Consistent interpolations between ‘attractor’ points also enable fabricators to make intuitive decisions about design requirements for individual parts by referencing the local conditions of the field. This helps eliminate accumulative error and simplifies documentation requirements.
5. Analogous modelling
Fologram carving experiment
Benefits: Anticipates and incorporates fabrication challenges in order to minimize error
Considerations: Counterintuitive modelling process
Analogous modelling means utilizing design modelling tools that produce the same digital forms as tasks performed by the fabricator. A good example of this is modelling designs that are going to be created with a hand held hot wire tool by iteratively booleaning the sweeping geometries that make up each individual cut that a fabricator will make from stock material.

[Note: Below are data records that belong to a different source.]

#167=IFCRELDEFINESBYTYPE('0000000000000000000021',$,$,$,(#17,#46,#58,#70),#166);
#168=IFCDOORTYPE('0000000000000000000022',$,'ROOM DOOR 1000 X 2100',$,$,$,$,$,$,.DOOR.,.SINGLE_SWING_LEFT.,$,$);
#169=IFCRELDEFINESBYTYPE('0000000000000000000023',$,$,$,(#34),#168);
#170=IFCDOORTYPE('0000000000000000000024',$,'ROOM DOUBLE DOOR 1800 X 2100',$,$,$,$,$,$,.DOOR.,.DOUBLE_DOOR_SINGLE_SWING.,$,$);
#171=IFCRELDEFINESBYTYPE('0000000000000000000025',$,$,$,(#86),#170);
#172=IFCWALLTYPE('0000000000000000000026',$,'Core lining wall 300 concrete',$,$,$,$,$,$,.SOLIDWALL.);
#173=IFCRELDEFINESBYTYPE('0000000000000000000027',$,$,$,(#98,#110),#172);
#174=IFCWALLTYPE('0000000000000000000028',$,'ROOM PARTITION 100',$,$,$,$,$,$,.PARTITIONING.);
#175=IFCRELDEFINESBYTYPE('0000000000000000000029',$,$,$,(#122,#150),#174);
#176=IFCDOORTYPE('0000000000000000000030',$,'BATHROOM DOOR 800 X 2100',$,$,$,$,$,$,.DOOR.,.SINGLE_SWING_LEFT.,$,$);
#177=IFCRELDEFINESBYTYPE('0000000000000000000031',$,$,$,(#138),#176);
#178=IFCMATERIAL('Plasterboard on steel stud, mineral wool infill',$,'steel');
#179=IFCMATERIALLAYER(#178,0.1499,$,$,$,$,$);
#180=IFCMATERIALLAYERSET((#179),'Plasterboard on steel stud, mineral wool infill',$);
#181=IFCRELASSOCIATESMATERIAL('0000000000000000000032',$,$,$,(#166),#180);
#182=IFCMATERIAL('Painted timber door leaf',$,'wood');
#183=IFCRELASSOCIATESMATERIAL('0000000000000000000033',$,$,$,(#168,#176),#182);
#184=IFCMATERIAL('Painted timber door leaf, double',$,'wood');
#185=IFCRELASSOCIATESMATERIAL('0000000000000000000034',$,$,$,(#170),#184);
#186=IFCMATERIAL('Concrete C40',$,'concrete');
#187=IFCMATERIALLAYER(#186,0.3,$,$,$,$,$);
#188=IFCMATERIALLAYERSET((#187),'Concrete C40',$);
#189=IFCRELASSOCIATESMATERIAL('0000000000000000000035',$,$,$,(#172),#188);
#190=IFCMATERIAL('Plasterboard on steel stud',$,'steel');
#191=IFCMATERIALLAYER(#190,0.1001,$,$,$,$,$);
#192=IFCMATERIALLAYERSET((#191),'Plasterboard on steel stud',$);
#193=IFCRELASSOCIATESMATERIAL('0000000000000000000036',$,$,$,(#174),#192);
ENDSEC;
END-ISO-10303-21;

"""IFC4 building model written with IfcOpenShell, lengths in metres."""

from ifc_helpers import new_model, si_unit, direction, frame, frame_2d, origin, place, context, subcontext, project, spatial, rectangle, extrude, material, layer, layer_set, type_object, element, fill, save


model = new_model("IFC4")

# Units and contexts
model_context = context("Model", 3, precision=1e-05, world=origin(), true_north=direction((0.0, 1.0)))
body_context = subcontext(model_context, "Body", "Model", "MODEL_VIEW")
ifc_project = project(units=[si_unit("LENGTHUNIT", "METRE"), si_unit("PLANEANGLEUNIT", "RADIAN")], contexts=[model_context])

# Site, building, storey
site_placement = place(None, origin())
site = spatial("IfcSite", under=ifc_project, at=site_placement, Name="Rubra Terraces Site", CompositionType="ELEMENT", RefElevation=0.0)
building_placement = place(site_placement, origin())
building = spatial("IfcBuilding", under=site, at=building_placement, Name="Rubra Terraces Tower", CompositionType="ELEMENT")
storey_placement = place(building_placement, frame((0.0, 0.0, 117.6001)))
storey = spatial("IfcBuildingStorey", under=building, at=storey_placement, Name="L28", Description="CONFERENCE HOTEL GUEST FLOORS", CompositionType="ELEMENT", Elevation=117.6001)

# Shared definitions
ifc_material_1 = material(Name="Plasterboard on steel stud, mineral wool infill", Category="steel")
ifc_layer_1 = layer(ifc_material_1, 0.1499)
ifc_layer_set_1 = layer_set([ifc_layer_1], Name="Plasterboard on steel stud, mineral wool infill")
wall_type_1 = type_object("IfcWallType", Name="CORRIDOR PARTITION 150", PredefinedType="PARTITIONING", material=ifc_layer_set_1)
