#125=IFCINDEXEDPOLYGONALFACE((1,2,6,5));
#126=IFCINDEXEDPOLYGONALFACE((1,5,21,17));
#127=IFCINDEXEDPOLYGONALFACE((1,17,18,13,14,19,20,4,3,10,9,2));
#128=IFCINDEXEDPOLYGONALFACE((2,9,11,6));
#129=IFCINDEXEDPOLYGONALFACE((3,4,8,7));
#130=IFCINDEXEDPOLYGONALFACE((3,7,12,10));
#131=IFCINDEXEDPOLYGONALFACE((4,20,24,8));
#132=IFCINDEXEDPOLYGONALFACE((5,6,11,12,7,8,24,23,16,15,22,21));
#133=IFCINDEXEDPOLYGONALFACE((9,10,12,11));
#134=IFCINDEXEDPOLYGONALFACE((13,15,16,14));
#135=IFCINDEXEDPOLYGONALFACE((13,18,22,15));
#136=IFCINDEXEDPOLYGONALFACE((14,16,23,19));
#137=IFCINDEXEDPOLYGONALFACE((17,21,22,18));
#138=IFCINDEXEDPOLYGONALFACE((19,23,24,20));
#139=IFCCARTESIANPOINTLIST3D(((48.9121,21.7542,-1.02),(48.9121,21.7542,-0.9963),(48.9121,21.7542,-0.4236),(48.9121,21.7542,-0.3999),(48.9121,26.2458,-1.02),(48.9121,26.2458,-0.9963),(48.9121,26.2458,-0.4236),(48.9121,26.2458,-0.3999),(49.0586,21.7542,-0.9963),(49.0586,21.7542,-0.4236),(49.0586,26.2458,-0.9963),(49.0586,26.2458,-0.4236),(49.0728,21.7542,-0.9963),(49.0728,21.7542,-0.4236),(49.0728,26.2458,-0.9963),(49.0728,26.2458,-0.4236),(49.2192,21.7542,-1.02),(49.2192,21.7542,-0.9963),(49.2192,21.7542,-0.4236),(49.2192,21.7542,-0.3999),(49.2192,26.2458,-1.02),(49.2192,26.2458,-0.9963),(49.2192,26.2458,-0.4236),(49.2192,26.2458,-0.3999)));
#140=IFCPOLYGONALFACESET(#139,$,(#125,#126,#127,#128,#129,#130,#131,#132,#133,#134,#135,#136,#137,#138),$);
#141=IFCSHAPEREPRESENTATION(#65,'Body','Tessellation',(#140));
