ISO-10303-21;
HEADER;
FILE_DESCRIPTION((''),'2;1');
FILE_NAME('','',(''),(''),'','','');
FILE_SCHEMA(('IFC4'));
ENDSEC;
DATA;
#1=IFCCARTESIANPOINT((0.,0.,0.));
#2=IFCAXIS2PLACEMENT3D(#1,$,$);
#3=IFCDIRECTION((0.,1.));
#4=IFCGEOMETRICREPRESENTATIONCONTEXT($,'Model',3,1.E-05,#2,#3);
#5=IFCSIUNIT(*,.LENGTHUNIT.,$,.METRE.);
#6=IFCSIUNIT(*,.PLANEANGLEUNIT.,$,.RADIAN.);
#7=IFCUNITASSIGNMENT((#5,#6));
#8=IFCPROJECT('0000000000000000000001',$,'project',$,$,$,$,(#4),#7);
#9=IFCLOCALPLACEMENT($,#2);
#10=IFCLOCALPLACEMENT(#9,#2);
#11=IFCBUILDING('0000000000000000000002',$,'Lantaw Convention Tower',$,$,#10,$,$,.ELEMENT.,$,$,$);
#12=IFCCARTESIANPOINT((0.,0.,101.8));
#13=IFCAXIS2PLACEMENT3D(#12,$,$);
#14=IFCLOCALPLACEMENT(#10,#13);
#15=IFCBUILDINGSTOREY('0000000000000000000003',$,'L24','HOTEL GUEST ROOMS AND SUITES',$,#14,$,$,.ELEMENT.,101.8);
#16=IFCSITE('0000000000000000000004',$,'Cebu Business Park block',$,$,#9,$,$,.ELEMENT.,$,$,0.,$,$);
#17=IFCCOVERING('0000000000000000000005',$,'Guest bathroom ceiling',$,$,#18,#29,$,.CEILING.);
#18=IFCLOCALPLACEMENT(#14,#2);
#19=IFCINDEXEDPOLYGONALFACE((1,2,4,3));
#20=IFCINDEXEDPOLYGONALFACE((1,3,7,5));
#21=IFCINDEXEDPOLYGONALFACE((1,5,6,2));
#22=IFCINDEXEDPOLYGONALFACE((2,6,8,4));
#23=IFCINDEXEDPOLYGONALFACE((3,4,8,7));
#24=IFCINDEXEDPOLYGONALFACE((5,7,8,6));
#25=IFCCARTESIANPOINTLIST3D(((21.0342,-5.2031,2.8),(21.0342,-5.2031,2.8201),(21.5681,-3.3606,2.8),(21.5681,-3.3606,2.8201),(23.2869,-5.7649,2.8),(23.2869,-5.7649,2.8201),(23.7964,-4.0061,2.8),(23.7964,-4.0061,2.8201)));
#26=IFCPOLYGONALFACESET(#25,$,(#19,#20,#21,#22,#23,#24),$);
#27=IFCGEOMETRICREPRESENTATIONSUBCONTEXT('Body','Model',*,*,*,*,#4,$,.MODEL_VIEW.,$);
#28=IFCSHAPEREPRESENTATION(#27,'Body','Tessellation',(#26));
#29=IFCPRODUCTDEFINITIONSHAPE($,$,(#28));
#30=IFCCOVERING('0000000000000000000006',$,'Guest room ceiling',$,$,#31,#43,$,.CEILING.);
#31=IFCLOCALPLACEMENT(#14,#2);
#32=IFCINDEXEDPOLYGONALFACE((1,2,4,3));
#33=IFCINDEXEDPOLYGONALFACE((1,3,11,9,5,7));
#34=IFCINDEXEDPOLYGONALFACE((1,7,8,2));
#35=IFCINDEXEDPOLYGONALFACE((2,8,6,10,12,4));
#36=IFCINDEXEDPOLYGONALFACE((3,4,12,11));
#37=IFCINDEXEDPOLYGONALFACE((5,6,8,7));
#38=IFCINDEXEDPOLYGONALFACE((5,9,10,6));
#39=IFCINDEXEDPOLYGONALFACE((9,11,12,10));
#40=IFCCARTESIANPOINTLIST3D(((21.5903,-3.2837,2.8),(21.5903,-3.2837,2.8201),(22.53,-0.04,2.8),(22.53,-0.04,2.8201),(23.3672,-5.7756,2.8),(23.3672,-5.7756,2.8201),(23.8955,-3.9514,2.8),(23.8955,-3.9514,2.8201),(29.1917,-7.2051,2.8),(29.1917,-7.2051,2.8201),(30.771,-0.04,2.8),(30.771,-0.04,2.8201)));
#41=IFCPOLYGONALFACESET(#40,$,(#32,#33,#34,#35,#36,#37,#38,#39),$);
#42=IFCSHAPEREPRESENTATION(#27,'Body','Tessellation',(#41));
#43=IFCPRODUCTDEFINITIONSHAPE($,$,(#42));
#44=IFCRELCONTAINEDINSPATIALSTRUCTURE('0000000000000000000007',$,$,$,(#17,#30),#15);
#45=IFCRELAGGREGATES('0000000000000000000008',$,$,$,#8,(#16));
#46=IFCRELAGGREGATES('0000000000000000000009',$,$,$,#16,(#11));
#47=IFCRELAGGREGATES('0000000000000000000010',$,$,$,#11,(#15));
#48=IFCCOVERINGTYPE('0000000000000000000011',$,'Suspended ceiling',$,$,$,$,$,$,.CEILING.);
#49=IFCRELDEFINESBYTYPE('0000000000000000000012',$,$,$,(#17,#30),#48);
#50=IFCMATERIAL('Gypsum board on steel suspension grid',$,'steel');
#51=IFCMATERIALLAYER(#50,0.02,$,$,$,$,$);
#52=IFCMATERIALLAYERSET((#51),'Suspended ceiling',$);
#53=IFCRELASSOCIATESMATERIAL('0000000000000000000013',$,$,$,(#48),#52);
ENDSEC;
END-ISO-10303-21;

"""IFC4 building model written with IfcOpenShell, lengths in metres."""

from ifc_helpers import new_model, si_unit, direction, frame, origin, place, context, subcontext, project, spatial, polyline, outline, extrude, material, layer, layer_set, type_object, element, save


model = new_model("IFC4")

# Units and contexts
model_context = context("Model", 3, precision=1e-05, world=origin(), true_north=direction((0.0, 1.0)))
body_context = subcontext(model_context, "Body", "Model", "MODEL_VIEW")
ifc_project = project(units=[si_unit("LENGTHUNIT", "METRE"), si_unit("PLANEANGLEUNIT", "RADIAN")], contexts=[model_context])

# Site, building, storey
site_placement = place(None, origin())
site = spatial("IfcSite", under=ifc_project, at=site_placement, Name="Cebu Business Park block", CompositionType="ELEMENT", RefElevation=0.0)
building_placement = place(site_placement, origin())
building = spatial("IfcBuilding", under=site, at=building_placement, Name="Lantaw Convention Tower", CompositionType="ELEMENT")
storey_placement = place(building_placement, frame((0.0, 0.0, 101.8)))
storey = spatial("IfcBuildingStorey", under=building, at=storey_placement, Name="L24", Description="HOTEL GUEST ROOMS AND SUITES", CompositionType="ELEMENT", Elevation=101.8)

# Coverings
ifc_material_1 = material(Name="Gypsum board on steel suspension grid", Category="steel")
ifc_layer_1 = layer(ifc_material_1, 0.02)
ifc_layer_set_1 = layer_set([ifc_layer_1], Name="Suspended ceiling")
covering_type = type_object("IfcCoveringType", Name="Suspended ceiling", PredefinedType="CEILING", material=ifc_layer_set_1)
covering_1_placement = place(storey_placement, frame((0.0, 0.0, 2.8)))
element("IfcCovering", 1, at=covering_1_placement, inside=storey, type_object=covering_type, Name="Guest bathroom ceiling", PredefinedType="CEILING", context=body_context, shape_type="SweptSolid", body=[
    extrude(outline(polyline([(21.0342, -5.2031), (23.2869, -5.7649), (23.7964, -4.0061), (21.5681, -3.3606), (21.0342, -5.2031)])), origin(), (0.0, 0.0, 1.0), 0.02),
])
covering_2_placement = place(storey_placement, frame((0.0, 0.0, 2.8)))
element("IfcCovering", 2, at=covering_2_placement, inside=storey, type_object=covering_type, Name="Guest room ceiling", PredefinedType="CEILING", context=body_context, shape_type="SweptSolid", body=[
    extrude(outline(polyline([(22.53, -0.04), (21.5903, -3.2837), (23.8955, -3.9514), (23.3672, -5.7756), (29.1917, -7.2051), (30.771, -0.04), (22.53, -0.04)])), origin(), (0.0, 0.0, 1.0), 0.02),
])

save(model, "model.ifc")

The advantage of analogous modelling is that these modelling steps are also used to explicitly describe fabrication tasks in mixed reality, improving task communication and thereby reducing error.
This design approach works extremely well for mixed reality fabrication, but requires an acute understanding of fabrication techniques and processes and some iteration between design modelling and physical experimentation. It also limits the tools that are at a designers disposal as many modelling tools do not have 1:1 physical analogues (e.g. many of the clay sculpting tools in zbrush are not actually possible in reality).
6. Physical simulations
Tallinn Pavilion prototype
Considerations: Relatively complex modelling process
Physical simulations can be used to approximately model material behaviour and thereby avoid the possibility of digitally modelling forms that cannot be physically fabricated using intended techniques (e.g. steam bending timber imposes limitations on maximum bend and twist radii). By constraining digital designs to expected physical forms, designing with physical simulations reduces discrepancies between digital and physical models and improves fabrication precision by providing more exact representation of expected geometry.
Physical simulations for design are most useful if the physical properties of the material are expected to have a significant impact on the resulting formed shapes e.g. elastic bending, inflating, weaving, wrapping, stretching etc.